I hit the 11 135-145, the 13 125-135, and the 15 110-120 so for me that would replace the 7, 8 and 9 iron. My 9 wood is 27 degrees and I hit that 145-160. So for me that would replace the 5 iron. But this would vary by brand having to due with the loft of each club. Another brand I saw had a 19 wood that was 38 degrees so that their 19 wood would be the same as my 15 wood. I hope this helps. One great thing about high loft woods is that they land on the green like a butterfly with burnt feet.


----------



## 65nlovenit

Thanks a ton for the information Bob. I picked up a 7 wood towards the end of last season and absolutely loved it.

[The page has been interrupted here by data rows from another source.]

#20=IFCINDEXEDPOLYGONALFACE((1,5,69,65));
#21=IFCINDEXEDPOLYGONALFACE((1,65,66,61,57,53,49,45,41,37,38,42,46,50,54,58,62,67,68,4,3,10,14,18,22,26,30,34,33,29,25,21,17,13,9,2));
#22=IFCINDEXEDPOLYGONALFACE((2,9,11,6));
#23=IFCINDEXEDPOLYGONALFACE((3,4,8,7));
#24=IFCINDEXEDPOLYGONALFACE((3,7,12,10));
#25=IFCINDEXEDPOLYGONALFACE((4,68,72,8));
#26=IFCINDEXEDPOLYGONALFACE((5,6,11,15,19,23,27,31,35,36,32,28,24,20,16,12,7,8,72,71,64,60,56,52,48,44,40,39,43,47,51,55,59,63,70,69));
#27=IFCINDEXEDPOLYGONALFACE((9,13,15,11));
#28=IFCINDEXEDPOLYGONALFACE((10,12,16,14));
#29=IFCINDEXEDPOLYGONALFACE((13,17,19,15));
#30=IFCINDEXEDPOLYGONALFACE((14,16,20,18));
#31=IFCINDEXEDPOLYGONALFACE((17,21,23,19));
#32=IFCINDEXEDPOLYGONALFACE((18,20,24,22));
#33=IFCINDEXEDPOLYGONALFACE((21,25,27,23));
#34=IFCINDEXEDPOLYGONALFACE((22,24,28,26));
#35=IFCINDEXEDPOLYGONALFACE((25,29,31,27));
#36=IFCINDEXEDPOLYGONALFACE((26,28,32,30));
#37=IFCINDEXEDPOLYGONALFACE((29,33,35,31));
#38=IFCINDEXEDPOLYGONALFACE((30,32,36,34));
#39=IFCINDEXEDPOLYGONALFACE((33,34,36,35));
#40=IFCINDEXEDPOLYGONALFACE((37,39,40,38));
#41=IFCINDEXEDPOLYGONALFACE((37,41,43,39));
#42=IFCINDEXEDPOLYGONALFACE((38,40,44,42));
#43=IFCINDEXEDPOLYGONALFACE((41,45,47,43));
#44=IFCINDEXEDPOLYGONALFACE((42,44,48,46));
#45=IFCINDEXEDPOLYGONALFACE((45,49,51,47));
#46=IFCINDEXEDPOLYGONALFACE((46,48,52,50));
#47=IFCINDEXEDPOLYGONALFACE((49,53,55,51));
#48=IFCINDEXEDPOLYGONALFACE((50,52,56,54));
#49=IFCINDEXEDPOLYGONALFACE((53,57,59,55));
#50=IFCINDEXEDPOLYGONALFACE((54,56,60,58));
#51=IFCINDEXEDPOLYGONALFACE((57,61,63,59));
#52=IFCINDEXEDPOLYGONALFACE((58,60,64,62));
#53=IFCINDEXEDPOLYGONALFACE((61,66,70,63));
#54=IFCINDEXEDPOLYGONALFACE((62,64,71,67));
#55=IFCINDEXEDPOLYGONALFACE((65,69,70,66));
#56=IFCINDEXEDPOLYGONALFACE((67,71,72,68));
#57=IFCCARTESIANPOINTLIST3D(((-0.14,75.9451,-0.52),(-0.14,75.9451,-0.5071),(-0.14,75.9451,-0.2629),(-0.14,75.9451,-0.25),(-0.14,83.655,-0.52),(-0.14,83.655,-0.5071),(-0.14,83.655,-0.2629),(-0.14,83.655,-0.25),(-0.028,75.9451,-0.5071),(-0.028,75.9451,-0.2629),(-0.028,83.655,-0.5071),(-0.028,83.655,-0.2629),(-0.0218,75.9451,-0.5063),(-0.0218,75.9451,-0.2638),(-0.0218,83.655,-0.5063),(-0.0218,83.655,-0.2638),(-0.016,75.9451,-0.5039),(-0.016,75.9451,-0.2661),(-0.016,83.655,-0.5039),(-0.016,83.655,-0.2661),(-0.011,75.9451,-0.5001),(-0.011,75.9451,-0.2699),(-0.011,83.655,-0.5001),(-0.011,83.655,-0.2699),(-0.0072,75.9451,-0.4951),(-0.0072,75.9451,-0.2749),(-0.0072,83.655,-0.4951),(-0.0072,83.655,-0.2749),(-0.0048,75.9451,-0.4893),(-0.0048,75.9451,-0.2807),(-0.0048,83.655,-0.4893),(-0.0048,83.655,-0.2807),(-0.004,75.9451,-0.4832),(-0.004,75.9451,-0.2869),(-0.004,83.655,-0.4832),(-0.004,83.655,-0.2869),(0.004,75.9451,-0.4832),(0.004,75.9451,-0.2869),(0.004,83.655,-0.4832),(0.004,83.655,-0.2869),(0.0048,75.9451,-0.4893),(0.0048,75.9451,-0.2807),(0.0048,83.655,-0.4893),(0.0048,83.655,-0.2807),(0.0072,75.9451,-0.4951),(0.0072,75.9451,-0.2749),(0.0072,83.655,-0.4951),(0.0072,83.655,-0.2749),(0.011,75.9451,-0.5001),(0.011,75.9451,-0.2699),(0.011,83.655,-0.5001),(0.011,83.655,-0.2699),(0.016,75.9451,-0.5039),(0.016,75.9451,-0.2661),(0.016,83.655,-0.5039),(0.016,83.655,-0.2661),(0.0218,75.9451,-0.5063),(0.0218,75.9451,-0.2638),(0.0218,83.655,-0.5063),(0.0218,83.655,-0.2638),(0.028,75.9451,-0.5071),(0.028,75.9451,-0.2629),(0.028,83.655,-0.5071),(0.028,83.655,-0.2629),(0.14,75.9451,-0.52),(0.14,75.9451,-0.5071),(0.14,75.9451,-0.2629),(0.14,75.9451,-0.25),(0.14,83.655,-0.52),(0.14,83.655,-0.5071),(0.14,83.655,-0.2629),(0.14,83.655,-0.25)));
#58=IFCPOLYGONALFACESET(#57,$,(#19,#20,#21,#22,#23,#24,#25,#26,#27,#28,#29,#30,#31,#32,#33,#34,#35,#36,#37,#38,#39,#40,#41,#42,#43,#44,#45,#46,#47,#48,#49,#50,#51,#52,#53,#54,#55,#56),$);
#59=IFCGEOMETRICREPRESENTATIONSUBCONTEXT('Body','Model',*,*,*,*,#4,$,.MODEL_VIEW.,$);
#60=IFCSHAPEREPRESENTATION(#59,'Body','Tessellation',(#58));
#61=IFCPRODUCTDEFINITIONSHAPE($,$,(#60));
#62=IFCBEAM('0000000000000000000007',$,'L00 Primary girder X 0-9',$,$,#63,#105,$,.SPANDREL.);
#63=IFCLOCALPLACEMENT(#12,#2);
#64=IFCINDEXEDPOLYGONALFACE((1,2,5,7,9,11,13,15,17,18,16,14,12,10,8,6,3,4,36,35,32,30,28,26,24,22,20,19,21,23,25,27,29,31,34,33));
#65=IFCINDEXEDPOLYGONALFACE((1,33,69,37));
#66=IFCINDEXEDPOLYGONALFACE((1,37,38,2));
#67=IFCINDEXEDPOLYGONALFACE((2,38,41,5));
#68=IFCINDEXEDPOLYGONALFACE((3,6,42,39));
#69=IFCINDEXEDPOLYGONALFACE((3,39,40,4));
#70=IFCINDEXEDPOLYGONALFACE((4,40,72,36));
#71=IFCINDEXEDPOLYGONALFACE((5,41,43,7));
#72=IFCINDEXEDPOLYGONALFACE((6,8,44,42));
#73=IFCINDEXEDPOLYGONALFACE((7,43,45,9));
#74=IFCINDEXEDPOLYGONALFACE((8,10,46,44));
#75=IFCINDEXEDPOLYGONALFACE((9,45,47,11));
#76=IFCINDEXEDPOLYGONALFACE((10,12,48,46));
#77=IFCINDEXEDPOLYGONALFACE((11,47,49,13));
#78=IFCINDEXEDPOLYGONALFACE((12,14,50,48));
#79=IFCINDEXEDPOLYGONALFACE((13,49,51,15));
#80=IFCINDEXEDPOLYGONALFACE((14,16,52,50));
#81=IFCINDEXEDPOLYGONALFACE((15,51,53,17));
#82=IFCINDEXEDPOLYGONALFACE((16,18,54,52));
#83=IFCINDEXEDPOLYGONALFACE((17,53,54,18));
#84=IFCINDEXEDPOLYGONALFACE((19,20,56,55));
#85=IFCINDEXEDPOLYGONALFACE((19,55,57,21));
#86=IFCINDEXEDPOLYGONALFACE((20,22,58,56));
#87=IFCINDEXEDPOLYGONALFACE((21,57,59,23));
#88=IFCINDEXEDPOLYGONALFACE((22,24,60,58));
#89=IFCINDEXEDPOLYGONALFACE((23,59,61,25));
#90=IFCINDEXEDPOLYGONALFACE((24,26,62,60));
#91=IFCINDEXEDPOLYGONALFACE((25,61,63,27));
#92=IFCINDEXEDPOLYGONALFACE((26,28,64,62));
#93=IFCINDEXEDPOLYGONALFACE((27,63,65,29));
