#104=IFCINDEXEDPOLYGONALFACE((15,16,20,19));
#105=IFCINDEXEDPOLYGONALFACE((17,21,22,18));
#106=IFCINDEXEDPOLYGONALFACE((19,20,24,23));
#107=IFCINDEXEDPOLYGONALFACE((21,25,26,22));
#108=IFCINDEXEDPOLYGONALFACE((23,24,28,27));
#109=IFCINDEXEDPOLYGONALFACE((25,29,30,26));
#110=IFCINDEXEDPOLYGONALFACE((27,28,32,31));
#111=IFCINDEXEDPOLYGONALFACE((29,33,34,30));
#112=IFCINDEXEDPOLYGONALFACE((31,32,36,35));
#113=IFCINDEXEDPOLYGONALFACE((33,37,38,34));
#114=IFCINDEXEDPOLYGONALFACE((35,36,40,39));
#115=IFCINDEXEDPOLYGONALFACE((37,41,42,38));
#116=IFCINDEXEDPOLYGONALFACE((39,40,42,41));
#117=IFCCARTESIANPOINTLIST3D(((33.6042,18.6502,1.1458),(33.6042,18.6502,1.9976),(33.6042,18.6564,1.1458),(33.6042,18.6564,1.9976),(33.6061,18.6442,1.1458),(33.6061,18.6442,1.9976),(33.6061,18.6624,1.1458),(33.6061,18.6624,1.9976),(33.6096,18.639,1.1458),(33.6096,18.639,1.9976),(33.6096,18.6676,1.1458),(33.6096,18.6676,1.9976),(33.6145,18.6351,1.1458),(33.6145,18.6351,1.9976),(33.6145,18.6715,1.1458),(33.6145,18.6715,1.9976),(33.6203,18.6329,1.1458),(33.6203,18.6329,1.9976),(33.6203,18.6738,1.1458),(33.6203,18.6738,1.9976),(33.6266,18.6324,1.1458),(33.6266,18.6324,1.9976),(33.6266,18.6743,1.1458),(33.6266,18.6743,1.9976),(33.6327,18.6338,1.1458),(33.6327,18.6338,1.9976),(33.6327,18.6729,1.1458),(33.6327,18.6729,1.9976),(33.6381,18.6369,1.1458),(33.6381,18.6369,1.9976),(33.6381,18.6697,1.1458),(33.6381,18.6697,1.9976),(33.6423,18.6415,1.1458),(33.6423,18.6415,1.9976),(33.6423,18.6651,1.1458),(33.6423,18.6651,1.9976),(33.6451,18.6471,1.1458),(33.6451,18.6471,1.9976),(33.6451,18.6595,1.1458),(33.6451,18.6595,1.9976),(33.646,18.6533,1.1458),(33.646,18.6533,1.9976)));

It was my go-to club for the par 3's on our course (135 & 140 yards), but I really only had to use a little better then 1/2 power swing for those yardages. What I was looking for was a club to replace my 6 iron (I can't hit that darn thing to save my life) so its worked out ok. Was interested in the 9/11/15 woods just to see what kind of yardages were typical for them. I did manage to pick up a 32* wood just 3 days ago, and managed to get to the driving range, but this particular range has few if any accurate yardage markers, so I'm not sure how far I'm hitting it. I do love the way it gets up in and hurry and lands incredibly soft, when my course opens up I'll get a better idea how far she'll go. Thank you again for the information, I just might go looking for a 9 wood to round out my set. 

Del


----------



## 300Yards

I didn't even know they mad 11,13 and 15 woods!! My lord, I want some of those!!


----------